De partida, nuestro territorio posee elementos culturales que nos otorgan un sello distintivo, insoslayable, de enormes proyecciones. Nos encontramos a orillas del estrecho de Magallanes, el paso que une los dos océanos más grandes del planeta, espacio y epicentro del descubrimiento por parte del osado navegante portugués, escenario mítico donde también pilotearon sus naves Drake, Sarmiento de Gamboa  y Cavendish. Es decir, un capítulo cardinal de la historia de la navegación pasa por esas olas que vemos en la costanera. Es el momento, por tanto, de mirar hacia el mar, como fuente de exploración cultural.

De igual manera, un aviador encargado del Correo del Sur, llamado Antoine de Saint-Exupéry, que luego escribiría “El Principito”, describía nuestro territorio con fascinación: “Y he aquí la ciudad más austral del mundo, permitida por el azar de un poco de lodo entre las lavas y las nieves. Tan cerca de los negros chorros ¡cómo se siente el milagro del hombre! ¡Qué extraño encuentro!”. Amén de lo bella e interesante que es la historia aeronáutica de nuestra región, en personajes de excepción como Gunther Plüschow o Franco Bianco.

Escritores de la talla de Edgar Allan Poe, Julio Verne, Emilio Salgari, Joseph Conrad, Herman Melville han escrito sobre nuestro territorio. Algunos de ellos sin conocerlo. Gabriela Mistral describió Magallanes como el trópico frío y Neruda imaginó un nuevo génesis en la Patagonia en su libro “La espada encendida”.

De igual modo quiero relevar la historia del habitante anónimo que logró organizarse en un territorio tan extremo, demostrando que es posible emplazar ciudades y sueños en el lugar más remoto del globo. Relevar la historia de las primeras organizaciones sindicales, cuyo ideario y proclamas iban más allá incluso de los levantados por los movimientos sociales y obreros de otros puntos del país, hoy reconocidos como precursores. Una mención valiosa, entonces, para la Federación Obrera de Magallanes (1911-1924), para el diario El Trabajo, para toda esa época de organización, conciencia y rebeldía.  La irrupción en nuestra historia de aquellas causas justas, de aquellos líderes sindicales, de los primeros dirigentes sociales, del surgimiento de nuestros barrios emblemáticos, de la cultura popular debiera ser el sustrato más vivo de una comunidad como la nuestra. Esta esencia de voluntades y acontecimientos es la razón de ser de nuestro Espacio Cultural La Idea. Sobre esa base fue fundado. Y por estos motivos, tiene sus puertas abiertas, para todos.

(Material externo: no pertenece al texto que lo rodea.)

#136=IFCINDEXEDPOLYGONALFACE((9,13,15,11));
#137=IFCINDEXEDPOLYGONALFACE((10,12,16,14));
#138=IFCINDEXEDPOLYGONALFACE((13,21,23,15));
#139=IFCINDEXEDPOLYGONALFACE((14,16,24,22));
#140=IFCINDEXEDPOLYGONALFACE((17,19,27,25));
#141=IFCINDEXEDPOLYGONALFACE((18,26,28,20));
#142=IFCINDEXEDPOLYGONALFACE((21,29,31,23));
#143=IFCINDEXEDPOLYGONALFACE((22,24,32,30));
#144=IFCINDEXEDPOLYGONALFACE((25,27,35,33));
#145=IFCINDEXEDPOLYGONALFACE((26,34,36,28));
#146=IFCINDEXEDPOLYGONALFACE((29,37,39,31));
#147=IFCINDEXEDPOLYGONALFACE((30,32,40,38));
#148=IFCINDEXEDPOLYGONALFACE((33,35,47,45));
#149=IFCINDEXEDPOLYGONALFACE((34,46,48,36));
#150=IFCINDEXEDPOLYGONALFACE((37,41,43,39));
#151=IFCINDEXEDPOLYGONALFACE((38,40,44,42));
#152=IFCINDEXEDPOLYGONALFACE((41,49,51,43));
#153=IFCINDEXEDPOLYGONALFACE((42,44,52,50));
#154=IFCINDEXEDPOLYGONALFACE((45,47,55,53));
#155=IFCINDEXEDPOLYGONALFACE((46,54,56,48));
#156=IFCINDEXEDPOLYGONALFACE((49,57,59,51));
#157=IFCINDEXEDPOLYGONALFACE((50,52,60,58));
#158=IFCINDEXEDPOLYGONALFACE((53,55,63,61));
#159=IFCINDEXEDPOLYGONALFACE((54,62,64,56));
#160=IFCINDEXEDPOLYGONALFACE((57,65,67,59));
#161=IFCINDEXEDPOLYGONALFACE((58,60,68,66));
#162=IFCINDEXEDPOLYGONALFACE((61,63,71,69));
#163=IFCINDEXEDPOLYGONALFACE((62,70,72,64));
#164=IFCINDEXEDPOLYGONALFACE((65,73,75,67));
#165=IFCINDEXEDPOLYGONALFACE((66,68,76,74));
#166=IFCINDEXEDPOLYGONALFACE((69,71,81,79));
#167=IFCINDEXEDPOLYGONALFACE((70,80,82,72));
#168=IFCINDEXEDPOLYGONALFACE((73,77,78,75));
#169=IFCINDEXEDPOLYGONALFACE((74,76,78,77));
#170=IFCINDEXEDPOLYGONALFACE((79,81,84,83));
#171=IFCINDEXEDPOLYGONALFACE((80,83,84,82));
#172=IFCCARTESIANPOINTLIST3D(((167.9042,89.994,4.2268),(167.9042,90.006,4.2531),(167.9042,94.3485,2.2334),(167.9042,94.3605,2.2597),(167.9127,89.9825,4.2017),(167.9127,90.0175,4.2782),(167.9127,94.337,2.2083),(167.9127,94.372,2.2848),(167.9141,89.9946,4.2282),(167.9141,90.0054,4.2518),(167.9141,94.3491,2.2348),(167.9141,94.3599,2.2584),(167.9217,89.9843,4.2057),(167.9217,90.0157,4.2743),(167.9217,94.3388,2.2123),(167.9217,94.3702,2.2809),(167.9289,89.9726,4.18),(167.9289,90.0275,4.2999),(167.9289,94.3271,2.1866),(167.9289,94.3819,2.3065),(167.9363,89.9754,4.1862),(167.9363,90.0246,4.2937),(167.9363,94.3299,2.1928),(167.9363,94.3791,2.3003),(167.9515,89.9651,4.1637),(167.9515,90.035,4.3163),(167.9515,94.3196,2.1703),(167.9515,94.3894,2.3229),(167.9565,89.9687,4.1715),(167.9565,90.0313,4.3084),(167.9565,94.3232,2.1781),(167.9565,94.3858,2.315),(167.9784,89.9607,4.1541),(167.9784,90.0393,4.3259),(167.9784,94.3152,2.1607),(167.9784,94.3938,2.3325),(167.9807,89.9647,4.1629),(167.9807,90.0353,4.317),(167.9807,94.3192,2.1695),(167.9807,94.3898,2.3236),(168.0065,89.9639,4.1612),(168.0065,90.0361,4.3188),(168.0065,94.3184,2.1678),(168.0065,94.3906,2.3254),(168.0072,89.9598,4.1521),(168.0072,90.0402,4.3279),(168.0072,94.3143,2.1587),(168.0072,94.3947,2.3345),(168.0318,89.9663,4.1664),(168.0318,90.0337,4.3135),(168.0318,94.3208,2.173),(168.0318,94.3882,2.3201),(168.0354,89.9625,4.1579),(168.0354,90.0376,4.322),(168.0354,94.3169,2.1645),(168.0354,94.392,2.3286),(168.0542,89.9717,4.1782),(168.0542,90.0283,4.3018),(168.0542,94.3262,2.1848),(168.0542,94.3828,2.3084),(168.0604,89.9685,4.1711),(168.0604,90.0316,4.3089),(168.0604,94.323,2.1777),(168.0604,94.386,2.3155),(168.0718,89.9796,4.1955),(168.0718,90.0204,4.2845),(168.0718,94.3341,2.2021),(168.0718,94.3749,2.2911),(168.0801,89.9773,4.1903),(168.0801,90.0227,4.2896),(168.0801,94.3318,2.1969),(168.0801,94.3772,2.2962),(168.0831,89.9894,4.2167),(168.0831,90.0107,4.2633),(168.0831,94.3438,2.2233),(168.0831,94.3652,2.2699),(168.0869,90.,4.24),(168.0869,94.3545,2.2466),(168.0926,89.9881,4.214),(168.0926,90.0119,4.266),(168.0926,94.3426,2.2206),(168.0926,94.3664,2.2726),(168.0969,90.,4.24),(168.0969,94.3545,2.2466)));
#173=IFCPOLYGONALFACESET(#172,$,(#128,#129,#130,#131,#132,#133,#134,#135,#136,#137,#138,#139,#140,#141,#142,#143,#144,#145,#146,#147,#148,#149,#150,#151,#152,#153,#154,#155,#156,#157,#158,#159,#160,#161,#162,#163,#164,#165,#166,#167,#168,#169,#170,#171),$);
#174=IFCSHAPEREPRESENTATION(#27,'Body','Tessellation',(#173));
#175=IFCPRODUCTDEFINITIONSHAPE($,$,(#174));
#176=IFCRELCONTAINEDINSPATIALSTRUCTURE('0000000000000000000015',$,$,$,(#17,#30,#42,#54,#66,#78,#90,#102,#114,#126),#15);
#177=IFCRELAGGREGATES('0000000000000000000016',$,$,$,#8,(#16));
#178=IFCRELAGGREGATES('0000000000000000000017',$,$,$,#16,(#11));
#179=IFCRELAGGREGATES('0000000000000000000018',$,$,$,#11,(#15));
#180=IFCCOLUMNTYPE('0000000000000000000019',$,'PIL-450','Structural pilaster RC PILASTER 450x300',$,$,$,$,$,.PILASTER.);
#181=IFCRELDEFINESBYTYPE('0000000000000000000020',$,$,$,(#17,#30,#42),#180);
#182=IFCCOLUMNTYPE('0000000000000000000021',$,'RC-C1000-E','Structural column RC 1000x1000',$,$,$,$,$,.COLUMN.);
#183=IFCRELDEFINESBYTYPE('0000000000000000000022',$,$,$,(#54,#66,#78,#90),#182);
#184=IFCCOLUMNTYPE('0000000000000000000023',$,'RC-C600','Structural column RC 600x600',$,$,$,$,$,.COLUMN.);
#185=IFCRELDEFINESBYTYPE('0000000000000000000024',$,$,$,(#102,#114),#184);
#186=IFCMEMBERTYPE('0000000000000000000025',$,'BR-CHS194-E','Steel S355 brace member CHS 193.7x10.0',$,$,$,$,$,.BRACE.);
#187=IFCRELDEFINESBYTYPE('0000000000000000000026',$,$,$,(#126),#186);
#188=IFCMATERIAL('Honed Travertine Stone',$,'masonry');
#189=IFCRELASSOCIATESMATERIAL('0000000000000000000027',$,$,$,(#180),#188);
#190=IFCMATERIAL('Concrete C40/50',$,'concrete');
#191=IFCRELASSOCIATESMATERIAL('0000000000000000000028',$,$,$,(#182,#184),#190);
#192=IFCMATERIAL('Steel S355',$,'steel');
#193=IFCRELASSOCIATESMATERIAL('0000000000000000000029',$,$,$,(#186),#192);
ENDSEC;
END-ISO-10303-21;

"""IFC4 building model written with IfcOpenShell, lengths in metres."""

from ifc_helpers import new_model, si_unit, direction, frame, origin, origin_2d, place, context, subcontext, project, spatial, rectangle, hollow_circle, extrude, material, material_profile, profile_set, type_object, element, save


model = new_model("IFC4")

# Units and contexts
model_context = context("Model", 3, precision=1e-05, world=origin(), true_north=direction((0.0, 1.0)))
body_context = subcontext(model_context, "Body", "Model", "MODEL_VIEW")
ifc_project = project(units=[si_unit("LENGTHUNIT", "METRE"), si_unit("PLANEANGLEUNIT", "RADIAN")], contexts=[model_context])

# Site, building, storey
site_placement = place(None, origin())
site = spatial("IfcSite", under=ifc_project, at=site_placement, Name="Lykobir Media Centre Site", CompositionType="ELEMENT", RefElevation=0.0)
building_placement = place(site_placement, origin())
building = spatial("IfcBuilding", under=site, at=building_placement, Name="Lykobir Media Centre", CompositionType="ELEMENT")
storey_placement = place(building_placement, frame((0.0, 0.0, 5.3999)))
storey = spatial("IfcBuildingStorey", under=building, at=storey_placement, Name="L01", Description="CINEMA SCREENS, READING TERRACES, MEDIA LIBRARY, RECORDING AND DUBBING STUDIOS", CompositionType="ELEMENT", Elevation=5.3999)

Si hubo quienes, en otras épocas, mucho más duras todavía, cuando las distancias eran mayores, lograron hacer de esta tierra un lugar donde llegar para cumplir con los objetivos de su aventura, o para  luchar por sus ideales, no podemos hacer otra cosa que revalidar este empuje, día a día, en las organizaciones de base, sociales, estudiantiles, culturales, para cumplir con el deber de construir un Magallanes mejor. Para allá vamos.